I found out that the Grobeam 600 gives 61 PARs at 40cm in air!

I am guessing this is full power....now will this be less through water?

Info I found is here in page 26
http://www.tropicalmarinecentre.co.uk/flipping/AquaRay/files/assets/downloads/AquaRay.pdf


----------



## Bhu (25 Sep 2014)

I have the twin 600 resting on the glass drip trays at 100% no melting plants.  Im giving 4 hours full light but ramp is 4 hours before and after. I'm on about 2-3 bubbles per second, light green on the drop tester. My tank is a 55cm cube also a new set up with lots of plants from high light loving to low light easy grow and harder to grow. So far so good...


----------



## Jaap (26 Sep 2014)

So basically you have two of these grobeams at aproximately 50cm above substrate level and at 100%.....Please explain the ramping....4 hours full 100% and 4 hours before as well as 4 hours after from 0% to 100% and then 100% to 0%? So a total of 12 hours?



Bhu said:


> I have the twin 600 resting on the glass drip trays at 100% no melting plants.  Im giving 4 hours full light but ramp is 4 hours before and after. I'm on about 2-3 bubbles per second, light green on the drop tester. My tank is a 55cm cube also a new set up with lots of plants from high light loving to low light easy grow and harder to grow. So far so good...


----------



## Bhu (26 Sep 2014)

Ok I'll try to be a bit clearer. I have the TMC Aqua Grow 600 twin connected to a dual controller. They sit on glass drip trays 55cm above the substrate. They are set to come on at 8 with the maximum of 4 hour ramp, so by midday they are at full capacity. They then stay that way until 4 in the afternoon then start to ramp down for 4 hours finally going off at 8. Looks very good and very natural. So far my plants are doing great. The only issues are the mosses. The ones on the substrate (weeping moss and Christmas moss) or just of it on bogwood have browned off slightly, while others higher up on bogwood and braches coming down into the aquarium are doing fine. I'm hoping its just acclimatising in and will recover as soon as they adjust. Plant list:
Echinodorus argentinensis
Aponogeton Boivinianus Bulb
Aponogeton Longiplumulosis Bulb
Aponogeton Ulvaceus Bulb
Vallisneria nana
Anubias barteri angustifolia
Anubias nana bonsai
Pogostemon erectus
Anubias, Microsorium and Moss on Wood - Small
Aponogeton Capuroni Bulb
Cryptocoryne undulatus brown
Aponogeton crispus 'Red'
Ludwigia peruviana
Lilaeopsis brasiliensis
Echinodorus tenellus
Tropica Vesicularia ferriei 'Weeping' Moss
Alternanthera rosaefolia

The rest are doing fine, showing signs of moving in well.


----------



## Bhu (27 Sep 2014)

How are you getting on now? Did you manage to stop the melt? i. Still running high light with his co2. No issues at all. Fish and shrimp are showing no signs of stress. 3 coreys 5 otos in 150 ltr but there is also 45 shrimp which are amazing! Clean clean clean they eat and eat at the micro films and algaes so algae cannot get a look in. The amano shrimp is worth its weight in gold!


----------



## Jaap (28 Sep 2014)

Bhu said:


> How are you getting on now? Did you manage to stop the melt? i. Still running high light with his co2. No issues at all. Fish and shrimp are showing no signs of stress. 3 coreys 5 otos in 150 ltr but there is also 45 shrimp which are amazing! Clean clean clean they eat and eat at the micro films and algaes so algae cannot get a look in. The amano shrimp is worth its weight in gold!

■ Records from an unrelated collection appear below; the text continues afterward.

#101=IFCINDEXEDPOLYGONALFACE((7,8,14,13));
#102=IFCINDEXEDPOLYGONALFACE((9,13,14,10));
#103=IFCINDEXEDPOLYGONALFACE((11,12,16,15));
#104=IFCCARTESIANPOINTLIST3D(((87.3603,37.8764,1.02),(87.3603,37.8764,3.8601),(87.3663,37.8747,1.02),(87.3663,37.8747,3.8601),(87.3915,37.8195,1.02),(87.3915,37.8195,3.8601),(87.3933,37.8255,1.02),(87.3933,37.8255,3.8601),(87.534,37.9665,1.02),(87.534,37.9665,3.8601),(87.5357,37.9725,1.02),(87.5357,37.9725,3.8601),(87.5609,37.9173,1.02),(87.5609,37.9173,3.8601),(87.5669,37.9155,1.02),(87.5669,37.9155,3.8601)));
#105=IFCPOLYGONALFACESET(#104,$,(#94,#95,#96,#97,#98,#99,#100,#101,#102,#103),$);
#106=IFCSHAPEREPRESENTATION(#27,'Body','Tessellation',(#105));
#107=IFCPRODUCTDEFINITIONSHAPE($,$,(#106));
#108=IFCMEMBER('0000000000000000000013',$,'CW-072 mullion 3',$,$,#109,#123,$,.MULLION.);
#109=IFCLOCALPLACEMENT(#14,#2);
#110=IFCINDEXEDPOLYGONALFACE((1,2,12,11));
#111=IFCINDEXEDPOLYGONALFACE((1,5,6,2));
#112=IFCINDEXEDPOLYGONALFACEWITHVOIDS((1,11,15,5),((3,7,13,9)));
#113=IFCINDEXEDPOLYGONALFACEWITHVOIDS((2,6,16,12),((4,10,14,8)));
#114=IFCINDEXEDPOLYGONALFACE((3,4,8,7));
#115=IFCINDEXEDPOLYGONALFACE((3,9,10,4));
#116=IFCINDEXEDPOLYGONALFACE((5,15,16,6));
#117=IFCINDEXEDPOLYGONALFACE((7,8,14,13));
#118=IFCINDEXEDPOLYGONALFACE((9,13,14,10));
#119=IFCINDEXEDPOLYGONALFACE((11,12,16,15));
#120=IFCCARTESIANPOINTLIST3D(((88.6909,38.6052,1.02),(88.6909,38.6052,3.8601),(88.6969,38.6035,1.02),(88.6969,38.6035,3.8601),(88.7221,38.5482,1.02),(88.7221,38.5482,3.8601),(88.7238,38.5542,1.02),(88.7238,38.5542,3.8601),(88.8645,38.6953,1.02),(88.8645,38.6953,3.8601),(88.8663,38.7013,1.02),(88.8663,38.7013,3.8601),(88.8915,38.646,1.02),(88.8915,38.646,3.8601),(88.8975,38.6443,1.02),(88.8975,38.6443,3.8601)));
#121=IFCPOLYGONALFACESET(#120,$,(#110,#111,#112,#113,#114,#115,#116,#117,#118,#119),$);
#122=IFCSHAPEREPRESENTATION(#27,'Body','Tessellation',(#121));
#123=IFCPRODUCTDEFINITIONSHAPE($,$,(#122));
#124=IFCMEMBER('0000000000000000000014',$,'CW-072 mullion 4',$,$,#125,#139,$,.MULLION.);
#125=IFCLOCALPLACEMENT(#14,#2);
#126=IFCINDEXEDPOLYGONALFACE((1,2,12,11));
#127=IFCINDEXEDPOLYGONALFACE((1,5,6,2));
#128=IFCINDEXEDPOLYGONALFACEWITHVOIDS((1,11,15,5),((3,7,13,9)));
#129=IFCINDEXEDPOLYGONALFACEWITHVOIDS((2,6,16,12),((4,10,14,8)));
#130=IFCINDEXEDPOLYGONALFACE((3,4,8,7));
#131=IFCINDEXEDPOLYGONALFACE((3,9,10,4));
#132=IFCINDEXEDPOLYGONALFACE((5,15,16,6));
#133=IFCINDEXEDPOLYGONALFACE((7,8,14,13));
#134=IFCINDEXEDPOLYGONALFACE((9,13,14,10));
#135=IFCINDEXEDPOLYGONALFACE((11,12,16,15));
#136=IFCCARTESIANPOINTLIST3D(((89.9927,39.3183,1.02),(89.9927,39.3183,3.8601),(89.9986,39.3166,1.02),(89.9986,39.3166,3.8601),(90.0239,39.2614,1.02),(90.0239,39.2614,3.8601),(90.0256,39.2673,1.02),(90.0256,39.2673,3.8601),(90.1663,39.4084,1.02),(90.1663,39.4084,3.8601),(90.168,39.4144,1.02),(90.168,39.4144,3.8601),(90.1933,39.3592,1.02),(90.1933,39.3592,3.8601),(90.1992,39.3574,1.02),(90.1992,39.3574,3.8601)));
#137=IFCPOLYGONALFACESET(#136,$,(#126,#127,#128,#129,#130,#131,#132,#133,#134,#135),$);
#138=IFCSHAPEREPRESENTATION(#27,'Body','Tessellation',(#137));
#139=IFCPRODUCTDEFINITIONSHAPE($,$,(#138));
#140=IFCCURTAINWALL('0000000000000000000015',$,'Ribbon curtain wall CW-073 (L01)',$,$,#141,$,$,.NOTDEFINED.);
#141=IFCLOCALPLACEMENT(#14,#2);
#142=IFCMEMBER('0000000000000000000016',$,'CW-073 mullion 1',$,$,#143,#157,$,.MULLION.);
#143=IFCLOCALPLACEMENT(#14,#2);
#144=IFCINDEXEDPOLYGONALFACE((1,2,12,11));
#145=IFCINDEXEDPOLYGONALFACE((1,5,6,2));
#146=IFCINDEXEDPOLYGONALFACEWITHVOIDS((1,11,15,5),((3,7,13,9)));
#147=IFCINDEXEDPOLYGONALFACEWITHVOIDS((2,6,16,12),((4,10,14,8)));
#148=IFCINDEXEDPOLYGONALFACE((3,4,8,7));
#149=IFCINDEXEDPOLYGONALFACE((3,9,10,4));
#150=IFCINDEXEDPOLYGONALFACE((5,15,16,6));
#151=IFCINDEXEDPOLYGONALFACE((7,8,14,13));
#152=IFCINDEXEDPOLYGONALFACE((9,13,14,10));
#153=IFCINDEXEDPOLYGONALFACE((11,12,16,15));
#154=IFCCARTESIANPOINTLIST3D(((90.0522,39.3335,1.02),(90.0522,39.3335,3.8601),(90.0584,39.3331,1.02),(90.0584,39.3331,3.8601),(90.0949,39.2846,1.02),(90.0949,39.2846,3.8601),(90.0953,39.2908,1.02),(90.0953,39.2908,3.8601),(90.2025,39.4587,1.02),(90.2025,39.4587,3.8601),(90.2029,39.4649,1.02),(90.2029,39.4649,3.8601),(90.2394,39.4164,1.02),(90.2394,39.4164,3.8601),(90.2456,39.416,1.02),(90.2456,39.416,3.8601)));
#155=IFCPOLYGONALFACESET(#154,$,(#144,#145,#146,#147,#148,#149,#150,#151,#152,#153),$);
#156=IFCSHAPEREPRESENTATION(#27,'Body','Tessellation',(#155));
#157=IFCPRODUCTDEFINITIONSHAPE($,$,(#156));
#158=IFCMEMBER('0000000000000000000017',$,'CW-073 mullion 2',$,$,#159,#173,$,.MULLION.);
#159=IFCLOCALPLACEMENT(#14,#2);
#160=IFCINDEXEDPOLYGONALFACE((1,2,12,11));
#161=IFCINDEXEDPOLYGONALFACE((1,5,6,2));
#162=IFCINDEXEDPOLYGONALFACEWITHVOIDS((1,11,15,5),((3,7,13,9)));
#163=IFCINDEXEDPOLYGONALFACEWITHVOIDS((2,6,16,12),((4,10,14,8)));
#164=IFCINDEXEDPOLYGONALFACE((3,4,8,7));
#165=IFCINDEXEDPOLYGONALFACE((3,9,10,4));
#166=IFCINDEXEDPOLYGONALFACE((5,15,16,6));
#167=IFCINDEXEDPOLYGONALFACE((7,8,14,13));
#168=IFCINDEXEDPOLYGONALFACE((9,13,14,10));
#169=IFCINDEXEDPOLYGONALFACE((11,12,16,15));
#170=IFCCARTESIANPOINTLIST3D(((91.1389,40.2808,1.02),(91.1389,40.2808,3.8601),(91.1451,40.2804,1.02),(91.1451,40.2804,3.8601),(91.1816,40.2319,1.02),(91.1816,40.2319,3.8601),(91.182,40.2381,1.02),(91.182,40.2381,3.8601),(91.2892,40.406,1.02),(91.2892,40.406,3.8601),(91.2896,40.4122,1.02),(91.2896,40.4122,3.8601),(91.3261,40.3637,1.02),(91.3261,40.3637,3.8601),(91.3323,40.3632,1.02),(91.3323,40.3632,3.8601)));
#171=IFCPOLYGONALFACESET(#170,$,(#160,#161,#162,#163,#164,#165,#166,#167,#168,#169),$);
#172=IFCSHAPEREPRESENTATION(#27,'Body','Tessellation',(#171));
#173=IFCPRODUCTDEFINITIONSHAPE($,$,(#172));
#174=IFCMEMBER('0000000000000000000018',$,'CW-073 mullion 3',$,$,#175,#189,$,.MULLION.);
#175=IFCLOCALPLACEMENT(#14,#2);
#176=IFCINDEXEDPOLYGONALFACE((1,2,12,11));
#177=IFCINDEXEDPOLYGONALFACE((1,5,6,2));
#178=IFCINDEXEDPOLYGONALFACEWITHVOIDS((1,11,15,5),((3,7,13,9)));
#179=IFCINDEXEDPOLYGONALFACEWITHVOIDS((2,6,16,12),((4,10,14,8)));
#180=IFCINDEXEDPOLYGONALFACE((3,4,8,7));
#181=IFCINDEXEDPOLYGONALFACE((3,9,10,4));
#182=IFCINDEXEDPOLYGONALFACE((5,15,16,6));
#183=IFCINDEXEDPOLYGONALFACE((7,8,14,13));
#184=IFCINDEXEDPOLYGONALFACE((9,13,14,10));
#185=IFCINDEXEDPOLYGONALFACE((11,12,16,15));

Well currently I have the intensity set on 80% with no problems showing. I can't see any melting but the growth rate is very very slow and for some plants near to zero...I will continue to inrease the intensity in 5 day intervals...well its just 2 more stages left and then if still there is no growth i will lower the light closer to the substrate. I think at 100% i will do fine though. My plants are:

Montecarlo
Eleocharis parvula
Limpnophilia 
Stayrogyne repens
Hemianthous microtrichoides
Fissidens 
Java moss
Flame moss
Christmas moss
Hydrocotyle tripartia

I think there are some light demanding plants in my list right?


----------



## Bhu (28 Sep 2014)

My Christmas moss and weeping moss did brown out for a while then became stable. 

Mid they AR light demanding plants then they will also be co2 demanding. Whatbis your current co2 dosing? Also what ferts are you using and how much? I'm using the neutro+ range and it's showing good results so far. Although I feel the root demanding plants such as bulbs and swords need root tabs with them. Temperature is also key. Keep it cool is the best to stop excessive melting and optimal growth. I think between 20 - 26 is best although I'm at 28 as I intend to introduce discus eventually. (Might be a huge mistake  at lower temperatures the water holds and exchanges gases with the atmosphere, much easier than at higher temperature so it's richer in co2 and O2.  I'm thinking that the co2 needs to be at least 25ppm but for you 30ppm would be better as its starting out and already struggling. How do you inject co2?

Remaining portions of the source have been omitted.